For the ResNet-32 baseline, we conducted a systematic study comparing:

  • Optimizers: SGD (with Momentum) vs. Adam.
  • Scheduling: Multi-step decay vs. Cosine Annealing.
  • Result: SGD with a learning rate of 0.1 and weight decay of $1 \times 10^{-4}$ proved superior, achieving 87.50% validation accuracy.

The DiffuseMix Pipeline

To combat the data-hunger of Transformers, we implemented DiffuseMix. Instead of standard geometric augmentations, this pipeline blends original images with diffusion-generated variations and fractal patterns to enhance robustness.

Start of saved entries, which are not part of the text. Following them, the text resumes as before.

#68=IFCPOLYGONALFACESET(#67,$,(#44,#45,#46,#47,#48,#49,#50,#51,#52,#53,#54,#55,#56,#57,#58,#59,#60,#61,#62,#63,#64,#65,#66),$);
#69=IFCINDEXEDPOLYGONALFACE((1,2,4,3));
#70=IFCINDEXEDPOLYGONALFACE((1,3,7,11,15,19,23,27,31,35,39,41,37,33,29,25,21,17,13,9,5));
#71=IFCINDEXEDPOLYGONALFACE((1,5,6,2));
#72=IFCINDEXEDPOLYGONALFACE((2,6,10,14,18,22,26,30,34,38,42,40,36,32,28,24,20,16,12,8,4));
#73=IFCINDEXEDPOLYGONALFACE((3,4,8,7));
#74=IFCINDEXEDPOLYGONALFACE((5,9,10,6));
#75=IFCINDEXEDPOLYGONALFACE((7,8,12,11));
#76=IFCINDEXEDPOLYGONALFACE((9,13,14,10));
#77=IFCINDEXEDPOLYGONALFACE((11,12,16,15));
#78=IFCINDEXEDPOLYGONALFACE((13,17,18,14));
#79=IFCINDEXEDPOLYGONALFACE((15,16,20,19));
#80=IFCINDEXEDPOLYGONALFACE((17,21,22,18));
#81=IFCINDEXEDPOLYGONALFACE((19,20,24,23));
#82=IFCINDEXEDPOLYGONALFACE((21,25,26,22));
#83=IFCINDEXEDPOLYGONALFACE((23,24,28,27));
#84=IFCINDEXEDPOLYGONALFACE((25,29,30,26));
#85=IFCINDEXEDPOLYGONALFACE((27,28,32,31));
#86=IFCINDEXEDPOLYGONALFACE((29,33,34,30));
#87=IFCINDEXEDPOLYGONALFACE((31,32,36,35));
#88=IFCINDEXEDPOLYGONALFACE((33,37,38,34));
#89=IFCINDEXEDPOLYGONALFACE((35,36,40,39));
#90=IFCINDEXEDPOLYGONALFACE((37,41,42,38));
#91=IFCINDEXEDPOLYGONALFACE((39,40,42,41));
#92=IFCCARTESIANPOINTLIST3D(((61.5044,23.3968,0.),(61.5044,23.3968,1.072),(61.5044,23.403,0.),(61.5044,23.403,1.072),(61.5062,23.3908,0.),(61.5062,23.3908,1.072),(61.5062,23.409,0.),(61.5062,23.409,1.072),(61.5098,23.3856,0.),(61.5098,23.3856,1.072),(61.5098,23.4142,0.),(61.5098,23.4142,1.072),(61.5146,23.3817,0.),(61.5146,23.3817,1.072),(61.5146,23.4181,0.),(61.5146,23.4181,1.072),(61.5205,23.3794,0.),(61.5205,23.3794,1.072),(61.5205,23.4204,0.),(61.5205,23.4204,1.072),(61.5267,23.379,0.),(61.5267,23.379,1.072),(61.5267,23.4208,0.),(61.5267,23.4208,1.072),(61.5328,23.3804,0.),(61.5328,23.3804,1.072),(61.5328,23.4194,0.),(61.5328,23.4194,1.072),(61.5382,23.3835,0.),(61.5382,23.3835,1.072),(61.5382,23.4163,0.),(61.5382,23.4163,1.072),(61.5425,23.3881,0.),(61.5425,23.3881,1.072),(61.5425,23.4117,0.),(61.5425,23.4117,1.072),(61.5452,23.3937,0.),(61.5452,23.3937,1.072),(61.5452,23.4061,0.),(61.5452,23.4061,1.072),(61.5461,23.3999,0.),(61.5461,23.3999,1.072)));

The mixing process combines the original image (x_orig), the diffusion variation (x_diff), and a fractal pattern (x_frac):

import torch

def diffuse_mix(x_orig, x_diff, x_frac, mask, lamb=0.15):
    """
    Combines original, diffusion, and fractal images.
    """
    # Create hybrid from original and diffusion using binary mask
    x_hybrid = mask * x_orig + (1 - mask) * x_diff
    
    # Interpolate hybrid with fractal noise
    x_final = (1 - lamb) * x_hybrid + lamb * x_frac
    
    return x_final

Results & Analysis

DiffuseMix Results Our experiments highlighted a massive shift in performance when using generative augmentation, particularly for the smaller Transformer models.

Key Findings

  • ResNet-32: The DiffuseMix augmentation pushed our optimized baseline from 87.50% to 88.99% (+1.49%).
  • Vision Transformers: The smaller ViT models saw the largest gains. The ViT Medium model achieved a ~8% accuracy boost (reaching 79.29%) when trained on the augmented dataset.
  • Scaling Limits: The ViT Large model suffered from severe overfitting, demonstrating that even with synthetic data, massive Transformers require significantly more data or pre-training to converge on small images.

Conclusion

This project demonstrates that while CNNs (ResNet) remain highly efficient for small datasets like CIFAR-10, Generative AI augmentation can significantly bridge the performance gap for Vision Transformers. However, architectural depth must still be carefully balanced against available data volume.